# New Sig Line-Click to Chat



## JBroida (Aug 16, 2011)

I just found out that i could do this through google talk, so i've created a link at the bottom of my sig line that says "click to chat with [email protected]". Clicking that button will open up a new window where you will be able to chat directly with me- to ask questions, get advice, or just talk to another person who is as dorky and obsessed with knives and stones as you are  . I will normally respond only during business hours (depending on how busy i am at the time), but there are times when i am online and available outside of those normal hours. Anyways, just thought some of you guys might like the new feature.

-Jon


----------



## jm2hill (Aug 16, 2011)

Hey Jon,

I think the link may be a bit busted. Messes up when I click on it.

Heres correct link: 

http://guesttalkgadget.google.com/a...hIMADDpzKcDpVJPBO6LGAE&fg=true&closable=false


----------



## JBroida (Aug 16, 2011)

I'll check into it later tonight


----------



## JBroida (Aug 17, 2011)

hmmm... i cant quite figure this one out yet... i'll play around with it a bit more when i get to work tomorrow. Hopefully by tomorrow afternoon it will work.
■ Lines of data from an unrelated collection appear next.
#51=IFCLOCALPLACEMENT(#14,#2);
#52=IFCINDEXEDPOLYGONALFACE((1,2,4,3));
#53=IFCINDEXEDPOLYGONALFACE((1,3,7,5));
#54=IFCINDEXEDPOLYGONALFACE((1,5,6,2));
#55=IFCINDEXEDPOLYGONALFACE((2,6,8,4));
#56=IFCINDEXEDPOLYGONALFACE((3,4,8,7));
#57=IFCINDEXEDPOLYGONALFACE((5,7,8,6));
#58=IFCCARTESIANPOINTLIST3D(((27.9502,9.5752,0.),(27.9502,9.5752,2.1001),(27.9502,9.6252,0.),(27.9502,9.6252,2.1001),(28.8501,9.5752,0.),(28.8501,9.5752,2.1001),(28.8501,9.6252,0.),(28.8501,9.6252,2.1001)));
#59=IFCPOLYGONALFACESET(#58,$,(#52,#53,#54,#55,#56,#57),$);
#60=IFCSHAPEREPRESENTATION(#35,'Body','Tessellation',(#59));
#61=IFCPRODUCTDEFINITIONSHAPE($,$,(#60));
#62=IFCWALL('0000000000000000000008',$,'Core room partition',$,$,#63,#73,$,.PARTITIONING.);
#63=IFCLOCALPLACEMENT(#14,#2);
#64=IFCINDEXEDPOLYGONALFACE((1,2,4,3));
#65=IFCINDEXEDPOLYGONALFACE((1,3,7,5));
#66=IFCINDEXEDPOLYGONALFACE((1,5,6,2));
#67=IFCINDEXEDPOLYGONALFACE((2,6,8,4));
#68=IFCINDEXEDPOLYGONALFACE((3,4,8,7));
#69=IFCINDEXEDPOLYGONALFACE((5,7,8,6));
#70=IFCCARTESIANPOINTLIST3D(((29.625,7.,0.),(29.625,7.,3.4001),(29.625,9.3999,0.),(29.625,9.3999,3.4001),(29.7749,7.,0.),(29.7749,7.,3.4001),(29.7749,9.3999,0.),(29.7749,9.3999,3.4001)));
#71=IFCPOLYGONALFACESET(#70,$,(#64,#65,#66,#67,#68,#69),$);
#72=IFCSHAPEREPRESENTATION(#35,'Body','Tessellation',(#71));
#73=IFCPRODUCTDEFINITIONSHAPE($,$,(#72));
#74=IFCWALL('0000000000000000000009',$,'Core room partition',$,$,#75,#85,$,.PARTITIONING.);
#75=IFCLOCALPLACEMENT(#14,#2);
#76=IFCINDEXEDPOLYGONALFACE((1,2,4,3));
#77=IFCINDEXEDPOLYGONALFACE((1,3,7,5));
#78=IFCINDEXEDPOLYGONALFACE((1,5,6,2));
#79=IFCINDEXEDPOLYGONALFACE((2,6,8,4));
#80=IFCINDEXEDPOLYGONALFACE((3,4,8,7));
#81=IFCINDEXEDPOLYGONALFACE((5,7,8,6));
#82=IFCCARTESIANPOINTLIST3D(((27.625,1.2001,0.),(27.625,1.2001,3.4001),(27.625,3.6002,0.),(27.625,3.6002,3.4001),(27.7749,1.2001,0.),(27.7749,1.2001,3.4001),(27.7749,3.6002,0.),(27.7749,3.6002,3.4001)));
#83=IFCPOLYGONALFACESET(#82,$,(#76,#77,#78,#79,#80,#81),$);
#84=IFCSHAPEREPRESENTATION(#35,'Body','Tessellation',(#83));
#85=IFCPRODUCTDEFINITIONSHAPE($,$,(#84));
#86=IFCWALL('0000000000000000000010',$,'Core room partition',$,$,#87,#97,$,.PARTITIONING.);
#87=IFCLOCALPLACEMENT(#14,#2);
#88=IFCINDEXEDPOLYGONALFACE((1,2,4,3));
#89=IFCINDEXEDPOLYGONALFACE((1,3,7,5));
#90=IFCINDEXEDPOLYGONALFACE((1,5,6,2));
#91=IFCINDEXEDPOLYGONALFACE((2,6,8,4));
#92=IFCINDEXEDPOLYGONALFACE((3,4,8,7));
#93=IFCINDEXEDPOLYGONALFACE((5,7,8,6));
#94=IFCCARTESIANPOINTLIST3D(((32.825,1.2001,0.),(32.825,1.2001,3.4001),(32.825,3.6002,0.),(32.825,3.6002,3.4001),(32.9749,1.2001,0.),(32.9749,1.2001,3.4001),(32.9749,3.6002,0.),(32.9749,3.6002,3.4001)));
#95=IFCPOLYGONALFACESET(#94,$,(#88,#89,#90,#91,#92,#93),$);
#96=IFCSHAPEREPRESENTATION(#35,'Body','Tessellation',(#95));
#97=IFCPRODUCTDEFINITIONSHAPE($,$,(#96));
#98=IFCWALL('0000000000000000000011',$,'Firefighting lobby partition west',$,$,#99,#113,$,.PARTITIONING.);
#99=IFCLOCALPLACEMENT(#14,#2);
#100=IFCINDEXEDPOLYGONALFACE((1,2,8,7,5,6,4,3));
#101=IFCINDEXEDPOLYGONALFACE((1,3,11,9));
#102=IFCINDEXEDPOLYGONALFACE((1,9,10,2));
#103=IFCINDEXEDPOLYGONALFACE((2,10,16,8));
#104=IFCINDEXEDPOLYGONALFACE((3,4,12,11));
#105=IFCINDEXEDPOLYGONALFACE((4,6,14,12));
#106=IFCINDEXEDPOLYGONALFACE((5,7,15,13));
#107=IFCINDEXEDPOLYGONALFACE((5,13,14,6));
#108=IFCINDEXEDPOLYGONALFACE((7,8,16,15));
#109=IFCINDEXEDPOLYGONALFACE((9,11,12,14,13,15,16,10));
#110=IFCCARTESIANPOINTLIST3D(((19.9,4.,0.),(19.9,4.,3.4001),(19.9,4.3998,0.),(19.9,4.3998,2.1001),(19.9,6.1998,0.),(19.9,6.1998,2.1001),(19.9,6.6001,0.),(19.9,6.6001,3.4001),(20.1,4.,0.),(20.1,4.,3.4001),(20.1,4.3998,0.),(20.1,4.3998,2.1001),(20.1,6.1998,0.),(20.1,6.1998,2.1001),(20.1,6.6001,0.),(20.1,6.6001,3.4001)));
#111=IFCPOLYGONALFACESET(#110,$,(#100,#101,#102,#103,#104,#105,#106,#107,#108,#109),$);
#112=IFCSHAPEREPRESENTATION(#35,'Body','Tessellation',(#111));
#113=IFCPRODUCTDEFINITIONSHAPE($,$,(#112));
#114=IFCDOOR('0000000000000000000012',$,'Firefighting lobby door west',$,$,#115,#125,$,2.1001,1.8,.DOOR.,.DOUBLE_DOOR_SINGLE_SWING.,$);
Sorry for the inconvienience.


----------



## JBroida (Aug 17, 2011)

just figured it out and fixed it


----------



## JBroida (Aug 17, 2011)

i'm glad people are using the chat button, but its 10:30pm here and i just ate too much at dinner 

i'll catch up wtih you all tomorrow


----------



## apicius9 (Aug 17, 2011)

no work on Ipad.


----------



## JBroida (Aug 17, 2011)

arggg... i guess i still have towkr out the kinks


----------



## JBroida (Aug 17, 2011)

ok... i've tested as of this morning... so far it works, but only in browsers on PC or MAC... not on ipad/iphone/android/etc.


----------



## JohnnyChance (Aug 17, 2011)

JBroida said:


> ok... i've tested as of this morning... so far it works, but only in browsers on PC or MAC... not on ipad/iphone/android/etc.


 
Well I guess those people will just have to quit lying to themselves and get real computers.


----------



## JBroida (Aug 17, 2011)

haha... i just bought a tablet, so i must be one of "those guys"


----------



## JBroida (Aug 17, 2011)

this cracks me up... last night (while not at work), i got a TON of chat requests... but while i am sitting here at work, none


----------